Kosmos 327
- Mission type: ABM radar target
- COSPAR ID: 1970-020A
- SATCAT no.: 04351

Spacecraft properties
- Spacecraft type: DS-P1-I
- Manufacturer: Yuzhnoye
- Launch mass: 300 kilograms (660 lb)

Start of mission
- Launch date: 18 March 1970, 14:39:56 UTC
- Rocket: Kosmos-2I 63SM
- Launch site: Plesetsk 133/1

End of mission
- Decay date: 19 January 1971

Orbital parameters
- Reference system: Geocentric
- Regime: Low Earth
- Perigee altitude: 280 kilometres (170 mi)
- Apogee altitude: 819 kilometres (509 mi)
- Inclination: 71 degrees
- Period: 95.7 minutes

= Kosmos 327 =

Soviet radar target satellite

Kosmos 327 (Космос 327 meaning Cosmos 327), also known as DS-P1-I No.8 was a satellite which was used as a radar target for anti-ballistic missile tests.
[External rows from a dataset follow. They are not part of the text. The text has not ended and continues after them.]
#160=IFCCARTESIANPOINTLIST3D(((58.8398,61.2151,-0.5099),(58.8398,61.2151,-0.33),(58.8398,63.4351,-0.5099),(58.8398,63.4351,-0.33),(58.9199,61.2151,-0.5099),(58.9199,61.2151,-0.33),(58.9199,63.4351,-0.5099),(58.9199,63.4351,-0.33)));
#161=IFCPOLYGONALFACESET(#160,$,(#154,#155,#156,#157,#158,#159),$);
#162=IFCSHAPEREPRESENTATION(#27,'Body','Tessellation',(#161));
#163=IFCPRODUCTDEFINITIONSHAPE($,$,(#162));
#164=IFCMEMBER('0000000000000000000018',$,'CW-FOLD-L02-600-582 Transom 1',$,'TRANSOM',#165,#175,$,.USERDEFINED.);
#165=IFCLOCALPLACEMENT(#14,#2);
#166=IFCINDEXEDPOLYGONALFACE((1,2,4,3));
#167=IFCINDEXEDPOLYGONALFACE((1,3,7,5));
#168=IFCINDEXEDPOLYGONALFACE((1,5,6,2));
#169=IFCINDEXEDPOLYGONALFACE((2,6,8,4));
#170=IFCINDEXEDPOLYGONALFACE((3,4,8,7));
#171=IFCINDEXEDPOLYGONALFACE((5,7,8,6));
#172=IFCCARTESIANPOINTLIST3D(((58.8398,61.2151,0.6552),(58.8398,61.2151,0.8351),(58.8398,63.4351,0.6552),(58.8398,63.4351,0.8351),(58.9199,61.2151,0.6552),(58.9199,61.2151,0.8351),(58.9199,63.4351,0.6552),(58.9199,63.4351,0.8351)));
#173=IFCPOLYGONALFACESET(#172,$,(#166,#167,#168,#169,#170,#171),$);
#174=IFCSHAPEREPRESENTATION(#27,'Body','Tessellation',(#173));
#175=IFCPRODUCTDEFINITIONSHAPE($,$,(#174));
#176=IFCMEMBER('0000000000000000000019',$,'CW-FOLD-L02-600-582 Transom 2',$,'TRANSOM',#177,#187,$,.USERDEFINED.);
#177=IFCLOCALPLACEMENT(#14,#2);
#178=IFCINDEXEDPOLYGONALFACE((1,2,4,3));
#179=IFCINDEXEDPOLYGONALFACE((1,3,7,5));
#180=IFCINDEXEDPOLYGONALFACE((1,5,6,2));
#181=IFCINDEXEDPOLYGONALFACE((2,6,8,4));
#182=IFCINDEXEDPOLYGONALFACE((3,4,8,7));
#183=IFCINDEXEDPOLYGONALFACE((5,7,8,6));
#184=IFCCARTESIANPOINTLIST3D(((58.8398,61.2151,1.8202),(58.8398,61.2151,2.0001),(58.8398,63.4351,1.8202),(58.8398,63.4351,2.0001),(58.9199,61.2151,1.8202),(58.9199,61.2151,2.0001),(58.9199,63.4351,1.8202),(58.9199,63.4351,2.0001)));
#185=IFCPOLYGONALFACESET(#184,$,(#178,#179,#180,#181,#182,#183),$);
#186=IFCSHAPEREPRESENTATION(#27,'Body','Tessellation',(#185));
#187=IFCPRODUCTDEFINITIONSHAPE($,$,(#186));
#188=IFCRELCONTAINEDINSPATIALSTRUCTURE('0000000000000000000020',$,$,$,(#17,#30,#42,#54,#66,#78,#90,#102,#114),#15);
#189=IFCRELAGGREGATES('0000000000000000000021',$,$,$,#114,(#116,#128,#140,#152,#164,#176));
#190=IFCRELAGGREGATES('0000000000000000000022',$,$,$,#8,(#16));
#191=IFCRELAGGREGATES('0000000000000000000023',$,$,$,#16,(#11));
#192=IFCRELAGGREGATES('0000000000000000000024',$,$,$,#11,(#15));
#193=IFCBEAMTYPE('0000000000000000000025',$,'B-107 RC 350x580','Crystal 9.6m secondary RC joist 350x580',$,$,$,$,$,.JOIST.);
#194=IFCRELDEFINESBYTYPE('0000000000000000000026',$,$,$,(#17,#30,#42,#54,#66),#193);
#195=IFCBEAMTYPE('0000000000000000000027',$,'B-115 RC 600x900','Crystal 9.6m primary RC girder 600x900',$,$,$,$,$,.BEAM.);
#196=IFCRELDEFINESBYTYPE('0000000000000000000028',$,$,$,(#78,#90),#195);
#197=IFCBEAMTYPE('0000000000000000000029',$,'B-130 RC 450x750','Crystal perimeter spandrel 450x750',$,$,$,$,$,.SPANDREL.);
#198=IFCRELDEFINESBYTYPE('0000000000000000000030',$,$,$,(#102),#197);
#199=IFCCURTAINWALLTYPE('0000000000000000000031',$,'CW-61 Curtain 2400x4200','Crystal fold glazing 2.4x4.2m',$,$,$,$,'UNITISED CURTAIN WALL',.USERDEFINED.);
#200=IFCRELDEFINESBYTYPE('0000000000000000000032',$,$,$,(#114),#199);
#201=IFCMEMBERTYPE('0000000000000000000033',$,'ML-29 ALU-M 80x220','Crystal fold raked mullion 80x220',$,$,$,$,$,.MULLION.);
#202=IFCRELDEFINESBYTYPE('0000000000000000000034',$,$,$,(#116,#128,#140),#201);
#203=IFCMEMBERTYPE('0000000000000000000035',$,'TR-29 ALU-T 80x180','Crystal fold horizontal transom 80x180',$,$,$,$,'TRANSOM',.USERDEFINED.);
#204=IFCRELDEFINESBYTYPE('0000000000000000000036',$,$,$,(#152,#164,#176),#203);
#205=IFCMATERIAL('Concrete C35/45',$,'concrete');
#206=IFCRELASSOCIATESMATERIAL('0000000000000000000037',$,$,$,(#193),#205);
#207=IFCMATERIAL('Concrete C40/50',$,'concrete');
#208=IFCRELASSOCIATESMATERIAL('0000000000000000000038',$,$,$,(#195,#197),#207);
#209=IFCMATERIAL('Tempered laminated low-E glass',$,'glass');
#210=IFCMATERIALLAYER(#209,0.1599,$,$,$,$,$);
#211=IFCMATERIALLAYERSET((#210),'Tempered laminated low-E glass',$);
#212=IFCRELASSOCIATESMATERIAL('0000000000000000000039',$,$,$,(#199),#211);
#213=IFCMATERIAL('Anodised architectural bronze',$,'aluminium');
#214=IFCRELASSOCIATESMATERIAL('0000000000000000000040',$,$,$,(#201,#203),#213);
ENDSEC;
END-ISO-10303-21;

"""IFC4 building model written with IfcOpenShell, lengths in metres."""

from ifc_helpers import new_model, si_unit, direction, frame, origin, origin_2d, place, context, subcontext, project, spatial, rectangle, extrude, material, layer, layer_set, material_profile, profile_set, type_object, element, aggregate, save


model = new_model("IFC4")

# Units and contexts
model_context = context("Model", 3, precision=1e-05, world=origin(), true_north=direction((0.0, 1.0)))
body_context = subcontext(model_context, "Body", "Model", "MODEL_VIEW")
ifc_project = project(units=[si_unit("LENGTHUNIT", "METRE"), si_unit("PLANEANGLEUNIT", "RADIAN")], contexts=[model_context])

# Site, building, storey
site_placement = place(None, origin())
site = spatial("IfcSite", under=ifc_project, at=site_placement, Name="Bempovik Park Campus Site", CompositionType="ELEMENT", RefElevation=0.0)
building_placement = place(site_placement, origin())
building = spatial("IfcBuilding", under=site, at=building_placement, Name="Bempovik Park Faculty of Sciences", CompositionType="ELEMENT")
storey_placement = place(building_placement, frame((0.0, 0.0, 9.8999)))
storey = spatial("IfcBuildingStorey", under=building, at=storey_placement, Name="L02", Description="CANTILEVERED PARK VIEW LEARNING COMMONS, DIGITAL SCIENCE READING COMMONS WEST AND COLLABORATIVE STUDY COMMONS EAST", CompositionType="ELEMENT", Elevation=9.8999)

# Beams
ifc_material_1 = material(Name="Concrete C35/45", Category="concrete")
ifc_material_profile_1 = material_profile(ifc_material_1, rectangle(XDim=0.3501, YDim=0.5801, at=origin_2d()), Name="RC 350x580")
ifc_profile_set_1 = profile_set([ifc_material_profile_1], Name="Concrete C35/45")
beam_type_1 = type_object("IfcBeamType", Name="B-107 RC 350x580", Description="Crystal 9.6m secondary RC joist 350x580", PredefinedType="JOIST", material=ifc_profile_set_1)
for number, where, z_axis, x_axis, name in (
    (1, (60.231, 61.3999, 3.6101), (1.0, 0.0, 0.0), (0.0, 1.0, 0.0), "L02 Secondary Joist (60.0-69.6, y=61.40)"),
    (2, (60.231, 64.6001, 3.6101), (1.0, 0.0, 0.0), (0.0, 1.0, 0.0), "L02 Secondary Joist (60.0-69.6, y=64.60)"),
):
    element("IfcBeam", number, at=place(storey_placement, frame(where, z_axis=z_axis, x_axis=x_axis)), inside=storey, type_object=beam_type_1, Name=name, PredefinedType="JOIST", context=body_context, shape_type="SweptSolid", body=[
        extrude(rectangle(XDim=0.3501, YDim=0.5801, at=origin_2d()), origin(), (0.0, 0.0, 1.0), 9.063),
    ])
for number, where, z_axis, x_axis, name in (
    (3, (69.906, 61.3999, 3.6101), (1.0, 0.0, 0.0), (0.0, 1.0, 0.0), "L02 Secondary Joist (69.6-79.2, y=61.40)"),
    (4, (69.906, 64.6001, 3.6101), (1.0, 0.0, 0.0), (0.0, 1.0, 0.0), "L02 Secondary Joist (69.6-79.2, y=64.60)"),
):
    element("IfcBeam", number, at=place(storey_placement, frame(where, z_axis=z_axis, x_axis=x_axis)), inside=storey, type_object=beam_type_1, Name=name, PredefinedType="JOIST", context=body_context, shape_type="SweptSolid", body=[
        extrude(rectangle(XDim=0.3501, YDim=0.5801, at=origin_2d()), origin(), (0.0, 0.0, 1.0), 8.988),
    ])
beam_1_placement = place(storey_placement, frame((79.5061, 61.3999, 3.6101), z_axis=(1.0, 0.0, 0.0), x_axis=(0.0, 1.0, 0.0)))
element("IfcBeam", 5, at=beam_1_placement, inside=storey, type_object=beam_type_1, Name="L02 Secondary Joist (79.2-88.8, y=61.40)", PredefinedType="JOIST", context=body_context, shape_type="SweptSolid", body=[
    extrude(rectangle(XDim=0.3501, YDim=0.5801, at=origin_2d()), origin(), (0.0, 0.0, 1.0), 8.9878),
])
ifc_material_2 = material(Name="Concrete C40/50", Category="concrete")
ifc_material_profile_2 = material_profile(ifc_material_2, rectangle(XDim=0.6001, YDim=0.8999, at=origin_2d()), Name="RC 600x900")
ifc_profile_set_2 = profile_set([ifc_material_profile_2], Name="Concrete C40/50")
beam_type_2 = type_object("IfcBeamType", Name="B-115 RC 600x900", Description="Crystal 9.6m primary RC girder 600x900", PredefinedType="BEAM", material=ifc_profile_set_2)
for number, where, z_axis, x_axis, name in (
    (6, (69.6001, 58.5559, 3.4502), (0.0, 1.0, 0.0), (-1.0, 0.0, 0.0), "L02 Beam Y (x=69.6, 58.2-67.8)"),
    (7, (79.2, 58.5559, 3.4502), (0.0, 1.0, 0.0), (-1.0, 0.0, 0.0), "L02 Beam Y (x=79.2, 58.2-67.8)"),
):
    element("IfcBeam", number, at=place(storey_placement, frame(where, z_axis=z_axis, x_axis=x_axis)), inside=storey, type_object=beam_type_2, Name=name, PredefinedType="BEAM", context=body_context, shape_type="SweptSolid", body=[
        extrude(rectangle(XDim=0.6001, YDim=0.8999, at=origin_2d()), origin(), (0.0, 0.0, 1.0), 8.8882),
It was launched by the Soviet Union in 1970 as part of the Dnepropetrovsk Sputnik programme.

== Launch ==
It was launched aboard a Kosmos-2I 63SM rocket, from Site 133/1 at Plesetsk. The launch occurred at 14:39:56 UTC on 18 March 1970.

== Orbit ==
Kosmos 327 was placed into a low Earth orbit with a perigee of 280 km, an apogee of 819 km, 71 degrees of inclination, and an orbital period of 95.7 minutes. It decayed from orbit on 19 January 1971.

Kosmos 327 was the eighth of nineteen DS-P1-I satellites to be launched. Of these, all reached orbit successfully except the seventh.